Contrapeso En defensa de la libertad y el sentido común
Diferencia de panoramas
Selección de ContraPeso.info
1 noviembre 2001
Sección: EDUCACION, Sección: AmaYi
Catalogado en:


Existe una enorme cantidad de temas sociales, políticos y económicos, en los que parece una misión imposible lograr acuerdos. Por ejemplo, la pena de muerte, defendida por unos y censurada por otros; el pacifismo, igualmente, es visto con admiración por unos y con reproche por otros.

Desde luego, esas diferencias en las opiniones tienen raíces más profundas de lo que suele pensarse. Es precisamente en esas profundidades donde está el origen y la causa de las diferencias de opinión. La valiosa contribución de Sowell es señalar este fenómeno y proponer una explicación razonable: allá en el fondo, en la parte que no se ve del iceberg, hay en la realidad dos visiones y de ellas dependen las opiniones que cada persona manifiesta en la superficie.

La obra consultada para esta carta es el libro de Sowell, Thomas (1987). A CONFLICT OF VISIONS. New York. W. Morrow. 0688069126, chapter seven, pp. 141-150. Es una lectura muy recomendable para quienes desean tener panoramas globales.

Sowell propone la existencia de dos visiones sobre los hombres, la Amplia y la Restringida. Dependiendo de cuál de ellas sea la preferida, será la opinión concreta en casos específicos. Para comprender la totalidad de esas visiones es conveniente leer el libro de Sowell. Lo que esta carta intenta es ver únicamente el efecto concreto de esas dos visiones en las cuestiones relativas al poder.

Existen en las mentes de las personas dos maneras de entender a la naturaleza humana, a las que el autor llama Amplia y Restringida.

No se intentará explicar aquí esas dos visiones en su naturaleza, sino exclusivamente ver sus implicaciones en lo que se refiere a la guerra y al crimen.

En esta carta serán llamadas Visión A y Visión R, sin sostener la superioridad de una sobre la otra; simplemente son diferentes.

En un plano general, la Visión A concede al poder en la sociedad muchas de las razones de todo lo bueno y malo que en ella sucede. Tienen la Visión A, por ejemplo, quienes explican lo malo que existe como una consecuencia del poder económico, político o militar.

Por otro lado, quienes poseen la Visión R colocan menos importancia en el ejercicio del poder y explican lo que sucede en una sociedad poniendo atención en los procesos, sin que existan necesariamente intenciones finales de alguien en concreto.

Eso que suena tan abstracto al principio tiene aplicaciones muy concretas. Por ejemplo, en las opiniones sobre la guerra cada una de las dos visiones se manifiesta con opiniones y posiciones muy diferentes.

Para la Visión A, la guerra es algo causado por la falta de comprensión y comunicación; hay sentimientos irracionales en la guerra.

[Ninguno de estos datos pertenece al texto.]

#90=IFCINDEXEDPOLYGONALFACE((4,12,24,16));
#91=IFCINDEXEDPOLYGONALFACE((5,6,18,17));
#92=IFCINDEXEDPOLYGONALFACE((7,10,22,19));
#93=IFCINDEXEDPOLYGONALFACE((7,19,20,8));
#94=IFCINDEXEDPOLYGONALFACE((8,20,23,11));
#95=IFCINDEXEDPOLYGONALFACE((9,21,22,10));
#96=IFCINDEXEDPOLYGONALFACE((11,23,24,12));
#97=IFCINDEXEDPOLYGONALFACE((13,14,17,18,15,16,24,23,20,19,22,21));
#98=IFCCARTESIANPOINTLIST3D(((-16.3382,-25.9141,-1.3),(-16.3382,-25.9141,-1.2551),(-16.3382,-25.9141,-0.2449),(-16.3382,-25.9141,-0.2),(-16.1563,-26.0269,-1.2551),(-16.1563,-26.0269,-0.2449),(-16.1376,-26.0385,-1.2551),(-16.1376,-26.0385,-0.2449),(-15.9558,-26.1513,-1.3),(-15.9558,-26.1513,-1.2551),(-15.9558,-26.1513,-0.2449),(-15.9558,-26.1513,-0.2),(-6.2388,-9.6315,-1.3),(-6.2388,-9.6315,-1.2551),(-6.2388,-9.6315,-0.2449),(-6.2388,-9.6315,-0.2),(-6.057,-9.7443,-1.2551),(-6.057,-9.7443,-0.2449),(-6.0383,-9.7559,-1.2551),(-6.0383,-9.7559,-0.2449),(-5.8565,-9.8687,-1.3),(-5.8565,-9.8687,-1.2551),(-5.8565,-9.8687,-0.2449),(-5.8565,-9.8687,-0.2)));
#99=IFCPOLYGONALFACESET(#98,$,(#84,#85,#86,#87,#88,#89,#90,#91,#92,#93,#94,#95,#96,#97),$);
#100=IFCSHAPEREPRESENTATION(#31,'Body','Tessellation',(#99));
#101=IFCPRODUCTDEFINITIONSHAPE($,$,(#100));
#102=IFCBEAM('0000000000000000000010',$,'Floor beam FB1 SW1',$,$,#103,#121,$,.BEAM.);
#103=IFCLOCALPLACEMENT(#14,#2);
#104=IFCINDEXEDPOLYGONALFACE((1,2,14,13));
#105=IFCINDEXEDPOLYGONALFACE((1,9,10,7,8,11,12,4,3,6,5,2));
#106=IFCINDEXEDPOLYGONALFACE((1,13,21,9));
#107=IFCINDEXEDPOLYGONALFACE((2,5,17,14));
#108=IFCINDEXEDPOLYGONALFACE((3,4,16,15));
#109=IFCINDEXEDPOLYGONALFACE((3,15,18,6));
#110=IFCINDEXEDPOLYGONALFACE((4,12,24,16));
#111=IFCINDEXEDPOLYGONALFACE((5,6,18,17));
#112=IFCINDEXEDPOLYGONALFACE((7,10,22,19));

Quien es partidario de la Visión A apoyará medidas como las siguientes para evitar los conflictos bélicos: mejorar la comunicación entre las naciones en conflicto, evitar las palabras y discursos de tono beligerante, limitar la producción de armamentos, evitar la formación de alianzas militares, reducir los sentimientos de patriotismo y nacionalismo, dar a los intelectuales un papel protagónico e intentar la negociación con los enemigos potenciales.

En pocas palabras la Visión A se esfuerza por encontrar las razones y causas de la guerra. Por su parte, la Visión R busca descubrir lo contrario, las razones y causas de la paz.

Entre quienes tienen la Visión R, la guerra es una acción racional cuando alguien espera sacar provecho de ella; puede tratarse de cálculos erróneos, pero eso no le quita lo racional.

Los medios de la Visión R para reducir el peligro de guerra explican muy bien el contraste entre ambas visiones.

Para disminuir el riesgo de guerra, según la Visión R, es necesario tomar acciones como éstas:  tener alianzas militares y elevar la producción de armamentos, para aumentar el costo de hacer la guerra, lo que es una disuasión;  informar a  la población sobre las amenazas y peligros, promover sentimientos de patriotismo y de convicción, lo que significa también una elevación del costo de hacer la guerra; confiar menos en el diálogo con el enemigo y más en hacerle saber de las propias capacidades bélicas; negociar, pero sin conceder posiciones que alienten amenazas futuras; y confiar más en los sentimientos generales de la población que en las opiniones de los intelectuales y moralistas que suelen ser frecuentes víctimas de modas y palabras vagas.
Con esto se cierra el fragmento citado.